The septum is a wall, which separates the heart’s left and right chambers. A defect between the two upper heart chambers (the atria) is called atrial septal defect. When there is a defect between the atria, blood will flow from the left upper chamber (left atrium) to the right atrium because of higher pressure in the left atrium. Thus more blood is pumped to the lungs and if left untreated will result in high pressure of the lung vessels (pulmonary hypertension).

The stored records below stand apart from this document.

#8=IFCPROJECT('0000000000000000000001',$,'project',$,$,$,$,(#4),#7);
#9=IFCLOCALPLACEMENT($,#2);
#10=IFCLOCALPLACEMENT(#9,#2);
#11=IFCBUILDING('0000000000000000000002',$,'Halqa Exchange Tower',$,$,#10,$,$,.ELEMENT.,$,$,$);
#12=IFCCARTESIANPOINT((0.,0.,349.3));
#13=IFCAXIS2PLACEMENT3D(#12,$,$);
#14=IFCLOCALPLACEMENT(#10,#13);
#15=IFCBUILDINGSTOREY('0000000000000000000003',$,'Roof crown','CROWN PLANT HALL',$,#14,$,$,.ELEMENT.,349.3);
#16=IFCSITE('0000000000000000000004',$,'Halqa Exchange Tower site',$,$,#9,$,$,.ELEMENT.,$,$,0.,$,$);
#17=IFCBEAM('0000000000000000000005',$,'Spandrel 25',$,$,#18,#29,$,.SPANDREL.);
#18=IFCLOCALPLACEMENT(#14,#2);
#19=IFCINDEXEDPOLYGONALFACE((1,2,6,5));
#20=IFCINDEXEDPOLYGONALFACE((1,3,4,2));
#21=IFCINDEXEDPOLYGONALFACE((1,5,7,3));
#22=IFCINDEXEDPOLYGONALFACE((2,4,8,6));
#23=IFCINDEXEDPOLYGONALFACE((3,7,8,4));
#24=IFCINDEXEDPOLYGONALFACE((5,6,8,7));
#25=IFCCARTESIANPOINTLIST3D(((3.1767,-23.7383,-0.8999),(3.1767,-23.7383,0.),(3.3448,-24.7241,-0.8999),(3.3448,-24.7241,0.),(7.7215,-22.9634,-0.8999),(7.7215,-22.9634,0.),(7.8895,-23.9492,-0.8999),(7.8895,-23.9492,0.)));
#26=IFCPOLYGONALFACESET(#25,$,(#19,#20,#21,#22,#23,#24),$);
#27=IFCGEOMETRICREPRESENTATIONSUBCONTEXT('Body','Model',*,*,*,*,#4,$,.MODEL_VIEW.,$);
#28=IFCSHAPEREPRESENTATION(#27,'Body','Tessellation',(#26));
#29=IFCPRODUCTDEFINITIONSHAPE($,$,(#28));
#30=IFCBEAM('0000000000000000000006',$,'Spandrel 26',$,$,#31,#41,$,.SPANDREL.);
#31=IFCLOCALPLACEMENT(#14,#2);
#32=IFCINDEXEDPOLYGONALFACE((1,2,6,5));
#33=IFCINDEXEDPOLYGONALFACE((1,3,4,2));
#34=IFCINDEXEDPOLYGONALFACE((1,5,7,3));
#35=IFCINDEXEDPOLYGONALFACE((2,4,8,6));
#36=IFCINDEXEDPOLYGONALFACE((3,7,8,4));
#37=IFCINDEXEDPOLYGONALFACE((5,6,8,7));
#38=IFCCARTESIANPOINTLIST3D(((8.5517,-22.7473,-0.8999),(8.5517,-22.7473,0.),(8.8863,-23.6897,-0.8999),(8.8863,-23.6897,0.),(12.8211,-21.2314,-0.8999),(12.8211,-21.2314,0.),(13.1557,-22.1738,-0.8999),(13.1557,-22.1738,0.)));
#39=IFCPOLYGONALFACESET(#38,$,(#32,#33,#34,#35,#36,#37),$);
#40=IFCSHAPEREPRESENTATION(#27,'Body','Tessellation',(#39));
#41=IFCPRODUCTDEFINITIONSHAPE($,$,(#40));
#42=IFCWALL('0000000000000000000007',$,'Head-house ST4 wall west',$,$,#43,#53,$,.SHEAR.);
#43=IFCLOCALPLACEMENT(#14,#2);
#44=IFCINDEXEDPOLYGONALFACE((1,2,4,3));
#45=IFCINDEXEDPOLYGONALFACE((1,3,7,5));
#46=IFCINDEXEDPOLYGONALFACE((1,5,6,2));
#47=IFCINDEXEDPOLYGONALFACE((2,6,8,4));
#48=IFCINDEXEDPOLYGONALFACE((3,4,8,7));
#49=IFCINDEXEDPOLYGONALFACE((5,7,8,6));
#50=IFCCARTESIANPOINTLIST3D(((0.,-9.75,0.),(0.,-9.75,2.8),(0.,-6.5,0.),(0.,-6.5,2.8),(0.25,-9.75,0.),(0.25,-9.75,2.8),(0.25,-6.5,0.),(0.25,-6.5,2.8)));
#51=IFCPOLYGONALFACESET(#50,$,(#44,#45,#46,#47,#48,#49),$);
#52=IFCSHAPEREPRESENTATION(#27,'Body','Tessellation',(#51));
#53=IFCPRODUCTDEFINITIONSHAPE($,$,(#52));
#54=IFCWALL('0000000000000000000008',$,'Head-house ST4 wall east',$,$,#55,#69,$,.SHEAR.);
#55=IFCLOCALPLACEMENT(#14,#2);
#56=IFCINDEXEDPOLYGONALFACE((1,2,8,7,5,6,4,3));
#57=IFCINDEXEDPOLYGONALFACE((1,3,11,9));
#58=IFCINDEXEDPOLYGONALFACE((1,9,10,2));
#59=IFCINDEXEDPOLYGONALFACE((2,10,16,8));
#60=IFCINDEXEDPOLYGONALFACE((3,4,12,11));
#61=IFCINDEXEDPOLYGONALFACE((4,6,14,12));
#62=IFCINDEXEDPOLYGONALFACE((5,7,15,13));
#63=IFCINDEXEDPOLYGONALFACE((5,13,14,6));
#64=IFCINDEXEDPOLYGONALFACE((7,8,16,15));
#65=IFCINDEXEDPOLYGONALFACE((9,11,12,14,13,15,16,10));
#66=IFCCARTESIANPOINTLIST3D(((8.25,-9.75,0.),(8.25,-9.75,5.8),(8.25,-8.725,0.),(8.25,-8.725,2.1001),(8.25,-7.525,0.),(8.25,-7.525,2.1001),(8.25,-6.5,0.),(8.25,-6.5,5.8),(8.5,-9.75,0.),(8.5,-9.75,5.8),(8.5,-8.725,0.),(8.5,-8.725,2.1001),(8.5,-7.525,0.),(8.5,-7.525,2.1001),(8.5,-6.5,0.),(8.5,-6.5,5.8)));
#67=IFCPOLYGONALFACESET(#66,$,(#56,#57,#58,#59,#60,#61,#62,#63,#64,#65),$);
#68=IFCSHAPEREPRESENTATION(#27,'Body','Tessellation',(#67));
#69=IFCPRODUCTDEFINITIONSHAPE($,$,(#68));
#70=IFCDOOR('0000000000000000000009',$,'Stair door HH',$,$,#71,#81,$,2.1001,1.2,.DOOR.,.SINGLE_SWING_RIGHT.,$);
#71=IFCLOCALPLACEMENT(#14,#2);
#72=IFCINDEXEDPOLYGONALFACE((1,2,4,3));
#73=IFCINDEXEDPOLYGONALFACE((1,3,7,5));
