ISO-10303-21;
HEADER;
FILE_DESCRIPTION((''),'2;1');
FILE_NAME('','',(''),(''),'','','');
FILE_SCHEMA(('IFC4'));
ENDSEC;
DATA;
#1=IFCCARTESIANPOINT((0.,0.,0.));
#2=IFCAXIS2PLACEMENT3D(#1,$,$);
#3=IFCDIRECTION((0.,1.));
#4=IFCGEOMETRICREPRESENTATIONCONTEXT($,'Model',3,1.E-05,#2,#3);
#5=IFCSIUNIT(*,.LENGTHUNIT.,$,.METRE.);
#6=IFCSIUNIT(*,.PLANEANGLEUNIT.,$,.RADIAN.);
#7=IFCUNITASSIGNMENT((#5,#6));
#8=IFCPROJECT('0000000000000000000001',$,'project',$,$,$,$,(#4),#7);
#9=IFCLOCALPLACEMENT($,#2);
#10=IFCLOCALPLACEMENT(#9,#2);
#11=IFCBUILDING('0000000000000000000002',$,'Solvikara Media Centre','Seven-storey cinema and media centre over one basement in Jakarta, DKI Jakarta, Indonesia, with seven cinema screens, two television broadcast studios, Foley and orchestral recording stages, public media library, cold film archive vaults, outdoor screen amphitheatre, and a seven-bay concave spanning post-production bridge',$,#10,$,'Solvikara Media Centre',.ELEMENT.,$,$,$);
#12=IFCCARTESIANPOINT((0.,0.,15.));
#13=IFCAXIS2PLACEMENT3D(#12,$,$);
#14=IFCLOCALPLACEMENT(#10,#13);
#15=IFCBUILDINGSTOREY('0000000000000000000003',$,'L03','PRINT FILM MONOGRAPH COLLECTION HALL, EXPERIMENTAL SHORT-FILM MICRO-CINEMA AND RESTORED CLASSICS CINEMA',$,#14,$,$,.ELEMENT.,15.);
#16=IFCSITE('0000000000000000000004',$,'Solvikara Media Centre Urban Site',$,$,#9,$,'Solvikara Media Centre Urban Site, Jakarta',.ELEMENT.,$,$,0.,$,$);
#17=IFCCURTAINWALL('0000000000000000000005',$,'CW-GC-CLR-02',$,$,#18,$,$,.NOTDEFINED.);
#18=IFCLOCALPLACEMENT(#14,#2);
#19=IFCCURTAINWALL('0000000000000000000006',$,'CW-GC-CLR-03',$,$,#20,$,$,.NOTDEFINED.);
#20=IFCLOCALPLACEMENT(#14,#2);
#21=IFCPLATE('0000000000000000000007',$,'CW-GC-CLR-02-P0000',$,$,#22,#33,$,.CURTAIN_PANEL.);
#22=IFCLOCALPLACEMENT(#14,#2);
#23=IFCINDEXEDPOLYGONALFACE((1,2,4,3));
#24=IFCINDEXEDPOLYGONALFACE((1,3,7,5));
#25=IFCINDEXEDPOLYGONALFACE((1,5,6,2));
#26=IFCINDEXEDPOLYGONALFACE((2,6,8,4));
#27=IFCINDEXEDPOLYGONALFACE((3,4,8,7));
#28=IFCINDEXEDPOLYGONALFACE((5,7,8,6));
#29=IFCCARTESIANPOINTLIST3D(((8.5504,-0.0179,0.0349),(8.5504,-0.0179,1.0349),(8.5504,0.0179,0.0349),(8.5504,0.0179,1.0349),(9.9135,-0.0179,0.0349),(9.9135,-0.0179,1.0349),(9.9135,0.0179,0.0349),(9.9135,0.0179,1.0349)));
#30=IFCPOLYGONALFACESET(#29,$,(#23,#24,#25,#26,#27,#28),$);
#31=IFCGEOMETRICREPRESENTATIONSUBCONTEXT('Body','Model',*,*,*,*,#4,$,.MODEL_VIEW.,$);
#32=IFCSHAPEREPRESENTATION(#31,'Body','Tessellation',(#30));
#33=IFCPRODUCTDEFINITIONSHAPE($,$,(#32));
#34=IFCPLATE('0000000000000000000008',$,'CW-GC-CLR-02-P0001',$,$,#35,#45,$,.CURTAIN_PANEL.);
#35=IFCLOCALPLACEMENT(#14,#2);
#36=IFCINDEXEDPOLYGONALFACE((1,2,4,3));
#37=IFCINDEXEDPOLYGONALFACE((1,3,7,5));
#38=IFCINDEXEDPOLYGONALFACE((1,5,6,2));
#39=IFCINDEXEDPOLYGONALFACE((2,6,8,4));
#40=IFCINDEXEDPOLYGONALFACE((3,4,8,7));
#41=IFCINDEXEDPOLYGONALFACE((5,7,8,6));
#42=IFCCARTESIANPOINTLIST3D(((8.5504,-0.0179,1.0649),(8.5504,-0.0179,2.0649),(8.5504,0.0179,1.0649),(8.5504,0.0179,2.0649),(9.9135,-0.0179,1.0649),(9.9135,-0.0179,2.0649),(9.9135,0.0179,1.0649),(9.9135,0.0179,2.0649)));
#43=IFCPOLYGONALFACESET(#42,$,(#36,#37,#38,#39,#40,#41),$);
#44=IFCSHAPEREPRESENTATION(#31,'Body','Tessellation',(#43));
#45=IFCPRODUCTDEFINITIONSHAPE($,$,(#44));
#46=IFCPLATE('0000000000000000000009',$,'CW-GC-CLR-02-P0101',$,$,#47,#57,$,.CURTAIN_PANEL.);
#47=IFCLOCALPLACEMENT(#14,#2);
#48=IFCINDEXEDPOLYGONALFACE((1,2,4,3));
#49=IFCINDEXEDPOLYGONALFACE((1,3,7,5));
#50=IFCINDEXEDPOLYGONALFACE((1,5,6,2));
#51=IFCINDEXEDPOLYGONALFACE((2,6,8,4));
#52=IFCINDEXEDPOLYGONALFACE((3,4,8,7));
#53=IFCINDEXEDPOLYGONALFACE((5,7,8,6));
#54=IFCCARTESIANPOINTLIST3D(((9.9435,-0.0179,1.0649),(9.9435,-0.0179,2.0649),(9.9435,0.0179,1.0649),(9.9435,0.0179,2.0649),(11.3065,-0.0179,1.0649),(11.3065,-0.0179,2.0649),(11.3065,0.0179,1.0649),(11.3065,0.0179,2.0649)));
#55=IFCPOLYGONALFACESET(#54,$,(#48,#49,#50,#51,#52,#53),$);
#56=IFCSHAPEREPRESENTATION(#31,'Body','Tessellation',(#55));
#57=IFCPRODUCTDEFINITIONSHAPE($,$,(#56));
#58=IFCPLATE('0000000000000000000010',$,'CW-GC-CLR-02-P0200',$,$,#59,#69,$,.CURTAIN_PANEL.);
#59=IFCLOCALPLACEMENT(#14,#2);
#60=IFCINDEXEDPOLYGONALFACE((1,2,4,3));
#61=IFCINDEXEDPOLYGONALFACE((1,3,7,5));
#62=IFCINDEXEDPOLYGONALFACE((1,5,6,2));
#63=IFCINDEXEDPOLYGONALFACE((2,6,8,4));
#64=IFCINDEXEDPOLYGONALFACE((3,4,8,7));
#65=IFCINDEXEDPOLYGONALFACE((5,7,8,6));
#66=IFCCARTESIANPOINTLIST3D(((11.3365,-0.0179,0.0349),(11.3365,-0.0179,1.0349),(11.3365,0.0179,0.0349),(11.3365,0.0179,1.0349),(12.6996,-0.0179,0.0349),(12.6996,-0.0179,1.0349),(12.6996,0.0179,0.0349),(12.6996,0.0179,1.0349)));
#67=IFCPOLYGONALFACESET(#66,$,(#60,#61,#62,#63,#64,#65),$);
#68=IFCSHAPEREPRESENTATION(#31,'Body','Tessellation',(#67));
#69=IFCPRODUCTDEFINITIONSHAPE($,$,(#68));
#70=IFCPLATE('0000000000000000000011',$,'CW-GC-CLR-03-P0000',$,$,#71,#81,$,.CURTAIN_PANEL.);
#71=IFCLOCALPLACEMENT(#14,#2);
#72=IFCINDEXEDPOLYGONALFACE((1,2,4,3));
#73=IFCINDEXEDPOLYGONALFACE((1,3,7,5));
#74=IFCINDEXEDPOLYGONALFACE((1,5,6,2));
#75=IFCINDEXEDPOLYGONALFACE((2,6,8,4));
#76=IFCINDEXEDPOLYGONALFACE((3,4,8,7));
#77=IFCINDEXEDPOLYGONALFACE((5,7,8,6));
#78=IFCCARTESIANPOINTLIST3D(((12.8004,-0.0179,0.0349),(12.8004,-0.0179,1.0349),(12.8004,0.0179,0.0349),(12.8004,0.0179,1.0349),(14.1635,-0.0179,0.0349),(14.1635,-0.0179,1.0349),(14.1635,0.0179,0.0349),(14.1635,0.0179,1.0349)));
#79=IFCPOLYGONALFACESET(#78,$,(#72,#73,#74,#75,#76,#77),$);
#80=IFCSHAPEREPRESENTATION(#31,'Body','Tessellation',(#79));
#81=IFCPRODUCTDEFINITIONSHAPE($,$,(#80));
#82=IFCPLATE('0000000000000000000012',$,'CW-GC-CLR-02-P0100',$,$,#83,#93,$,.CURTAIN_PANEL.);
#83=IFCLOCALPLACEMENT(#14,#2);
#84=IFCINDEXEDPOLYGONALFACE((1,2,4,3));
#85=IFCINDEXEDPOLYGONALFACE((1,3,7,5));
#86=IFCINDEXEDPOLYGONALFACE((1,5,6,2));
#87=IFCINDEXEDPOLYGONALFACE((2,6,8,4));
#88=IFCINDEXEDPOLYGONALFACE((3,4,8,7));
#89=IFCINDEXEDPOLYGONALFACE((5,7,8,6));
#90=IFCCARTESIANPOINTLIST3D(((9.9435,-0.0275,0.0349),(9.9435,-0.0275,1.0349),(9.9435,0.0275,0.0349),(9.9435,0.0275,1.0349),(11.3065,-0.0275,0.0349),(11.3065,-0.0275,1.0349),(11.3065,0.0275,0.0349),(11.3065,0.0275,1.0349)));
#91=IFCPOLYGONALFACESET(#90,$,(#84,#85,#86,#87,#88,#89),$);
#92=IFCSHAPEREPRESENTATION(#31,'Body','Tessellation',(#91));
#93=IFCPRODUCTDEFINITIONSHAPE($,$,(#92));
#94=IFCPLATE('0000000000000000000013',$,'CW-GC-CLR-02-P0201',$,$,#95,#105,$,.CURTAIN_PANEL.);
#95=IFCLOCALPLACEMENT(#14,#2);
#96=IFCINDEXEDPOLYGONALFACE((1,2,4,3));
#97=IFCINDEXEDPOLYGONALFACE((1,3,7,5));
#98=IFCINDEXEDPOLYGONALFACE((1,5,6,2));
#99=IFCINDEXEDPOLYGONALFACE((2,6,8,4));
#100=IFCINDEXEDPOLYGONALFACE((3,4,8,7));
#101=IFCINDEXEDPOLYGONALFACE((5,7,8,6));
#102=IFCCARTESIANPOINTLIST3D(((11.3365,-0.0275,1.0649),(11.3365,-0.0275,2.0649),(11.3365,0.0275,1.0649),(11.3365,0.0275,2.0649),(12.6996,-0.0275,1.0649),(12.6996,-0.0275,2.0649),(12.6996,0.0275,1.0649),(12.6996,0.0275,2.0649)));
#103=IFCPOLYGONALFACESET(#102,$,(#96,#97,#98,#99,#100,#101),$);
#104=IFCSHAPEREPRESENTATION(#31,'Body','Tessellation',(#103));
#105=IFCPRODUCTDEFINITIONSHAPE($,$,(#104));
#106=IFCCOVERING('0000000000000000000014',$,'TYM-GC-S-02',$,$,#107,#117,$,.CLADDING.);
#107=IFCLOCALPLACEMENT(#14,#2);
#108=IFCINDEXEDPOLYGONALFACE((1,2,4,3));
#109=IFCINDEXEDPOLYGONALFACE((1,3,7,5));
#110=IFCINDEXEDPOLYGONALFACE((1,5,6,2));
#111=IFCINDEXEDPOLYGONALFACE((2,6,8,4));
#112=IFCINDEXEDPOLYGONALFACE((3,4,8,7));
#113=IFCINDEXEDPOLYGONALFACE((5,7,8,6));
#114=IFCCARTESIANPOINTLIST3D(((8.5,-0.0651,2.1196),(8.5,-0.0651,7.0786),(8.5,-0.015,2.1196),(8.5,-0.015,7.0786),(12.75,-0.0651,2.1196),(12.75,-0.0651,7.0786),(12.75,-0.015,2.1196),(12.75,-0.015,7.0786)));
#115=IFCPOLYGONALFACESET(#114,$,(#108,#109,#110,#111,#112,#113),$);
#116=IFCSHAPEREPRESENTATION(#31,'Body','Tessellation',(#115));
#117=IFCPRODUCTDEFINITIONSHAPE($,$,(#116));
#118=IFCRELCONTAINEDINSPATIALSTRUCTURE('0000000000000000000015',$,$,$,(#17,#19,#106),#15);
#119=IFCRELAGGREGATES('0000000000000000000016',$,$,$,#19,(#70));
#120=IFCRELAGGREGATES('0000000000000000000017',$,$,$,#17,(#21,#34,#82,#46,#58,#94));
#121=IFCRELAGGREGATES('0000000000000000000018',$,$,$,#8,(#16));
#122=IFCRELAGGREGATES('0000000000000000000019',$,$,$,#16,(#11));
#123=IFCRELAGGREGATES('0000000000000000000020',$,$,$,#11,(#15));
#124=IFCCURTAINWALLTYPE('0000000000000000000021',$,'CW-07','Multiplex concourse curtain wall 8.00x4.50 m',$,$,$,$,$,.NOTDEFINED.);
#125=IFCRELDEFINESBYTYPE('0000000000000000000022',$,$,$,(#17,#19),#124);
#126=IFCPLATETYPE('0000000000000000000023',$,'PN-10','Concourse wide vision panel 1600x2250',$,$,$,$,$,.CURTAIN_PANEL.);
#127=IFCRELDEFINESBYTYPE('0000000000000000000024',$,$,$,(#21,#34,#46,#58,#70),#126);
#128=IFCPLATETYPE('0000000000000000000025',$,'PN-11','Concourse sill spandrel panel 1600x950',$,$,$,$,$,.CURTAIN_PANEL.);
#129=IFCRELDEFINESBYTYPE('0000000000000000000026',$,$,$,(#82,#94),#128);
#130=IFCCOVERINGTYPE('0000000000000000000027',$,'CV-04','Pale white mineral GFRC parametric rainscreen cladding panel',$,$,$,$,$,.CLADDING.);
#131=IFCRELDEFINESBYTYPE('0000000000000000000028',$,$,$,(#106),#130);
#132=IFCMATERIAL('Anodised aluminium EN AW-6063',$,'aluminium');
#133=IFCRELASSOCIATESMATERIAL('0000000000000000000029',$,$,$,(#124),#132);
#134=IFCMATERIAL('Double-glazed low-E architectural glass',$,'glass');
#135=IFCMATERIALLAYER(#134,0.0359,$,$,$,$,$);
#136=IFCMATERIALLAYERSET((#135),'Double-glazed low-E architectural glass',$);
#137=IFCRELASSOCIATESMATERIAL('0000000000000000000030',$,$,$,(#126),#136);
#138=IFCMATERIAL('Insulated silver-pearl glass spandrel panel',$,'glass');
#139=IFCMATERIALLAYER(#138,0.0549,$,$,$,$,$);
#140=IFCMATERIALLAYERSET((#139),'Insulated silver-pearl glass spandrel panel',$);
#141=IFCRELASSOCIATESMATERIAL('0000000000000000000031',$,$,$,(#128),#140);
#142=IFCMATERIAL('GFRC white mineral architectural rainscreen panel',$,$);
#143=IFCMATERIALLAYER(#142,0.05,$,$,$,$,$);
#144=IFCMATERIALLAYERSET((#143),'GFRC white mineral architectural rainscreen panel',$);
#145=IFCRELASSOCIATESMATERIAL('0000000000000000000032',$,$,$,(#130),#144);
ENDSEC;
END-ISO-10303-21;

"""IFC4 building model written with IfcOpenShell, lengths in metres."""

from ifc_helpers import new_model, si_unit, direction, frame, origin, origin_2d, place, context, subcontext, project, spatial, rectangle, extrude, material, layer, layer_set, type_object, element, aggregate, save


model = new_model("IFC4")

# Units and contexts
model_context = context("Model", 3, precision=1e-05, world=origin(), true_north=direction((0.0, 1.0)))
body_context = subcontext(model_context, "Body", "Model", "MODEL_VIEW")
ifc_project = project(units=[si_unit("LENGTHUNIT", "METRE"), si_unit("PLANEANGLEUNIT", "RADIAN")], contexts=[model_context])

# Site, building, storey
site_placement = place(None, origin())
site = spatial("IfcSite", under=ifc_project, at=site_placement, Name="Solvikara Media Centre Urban Site", LongName="Solvikara Media Centre Urban Site, Jakarta", CompositionType="ELEMENT", RefElevation=0.0)
building_placement = place(site_placement, origin())
building = spatial("IfcBuilding", under=site, at=building_placement, Name="Solvikara Media Centre", Description="Seven-storey cinema and media centre over one basement in Jakarta, DKI Jakarta, Indonesia, with seven cinema screens, two television broadcast studios, Foley and orchestral recording stages, public media library, cold film archive vaults, outdoor screen amphitheatre, and a seven-bay concave spanning post-production bridge", LongName="Solvikara Media Centre", CompositionType="ELEMENT")
storey_placement = place(building_placement, frame((0.0, 0.0, 15.0)))
storey = spatial("IfcBuildingStorey", under=building, at=storey_placement, Name="L03", Description="PRINT FILM MONOGRAPH COLLECTION HALL, EXPERIMENTAL SHORT-FILM MICRO-CINEMA AND RESTORED CLASSICS CINEMA", CompositionType="ELEMENT", Elevation=15.0)

# Curtain wall
ifc_material_1 = material(Name="Anodised aluminium EN AW-6063", Category="aluminium")
curtain_wall_type = type_object("IfcCurtainWallType", Name="CW-07", Description="Multiplex concourse curtain wall 8.00x4.50 m", PredefinedType="NOTDEFINED", material=ifc_material_1)
curtain_wall_1_placement = place(storey_placement, origin())
curtain_wall_1 = element("IfcCurtainWall", 1, at=curtain_wall_1_placement, inside=storey, type_object=curtain_wall_type, Name="CW-GC-CLR-02", PredefinedType="NOTDEFINED")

Percutaneous Device Closure / Surgical intervention
The defect can be closed by device or surgical repair depending on the size of the defect and the presence of pulmonary hypertension. After the defect is closed, the patient will need regular follow-up with a cardiologist
Activity restrictions are unnecessary unless there are associated problems that you and your cardiologist have discussed. However, after ASD device closure, patient will be advised to refrain from strenuous activity and heavy lifting for at least 6 months
Prevention of Endocarditis
Antibiotic prophylaxis prior to dental or other surgical procedures is recommended for patients with unrepaired ASD especially if there are other associated heart defects, to prevent endocarditis (infection of inner layer of the heart). After ASD device closure or surgical repair, antibiotic prophylaxis is still required up to 6 – 12 months, depending on whether the defect has completely closed.
It is important to discuss any concerns regarding pregnancy or starting a family with your cardiologist.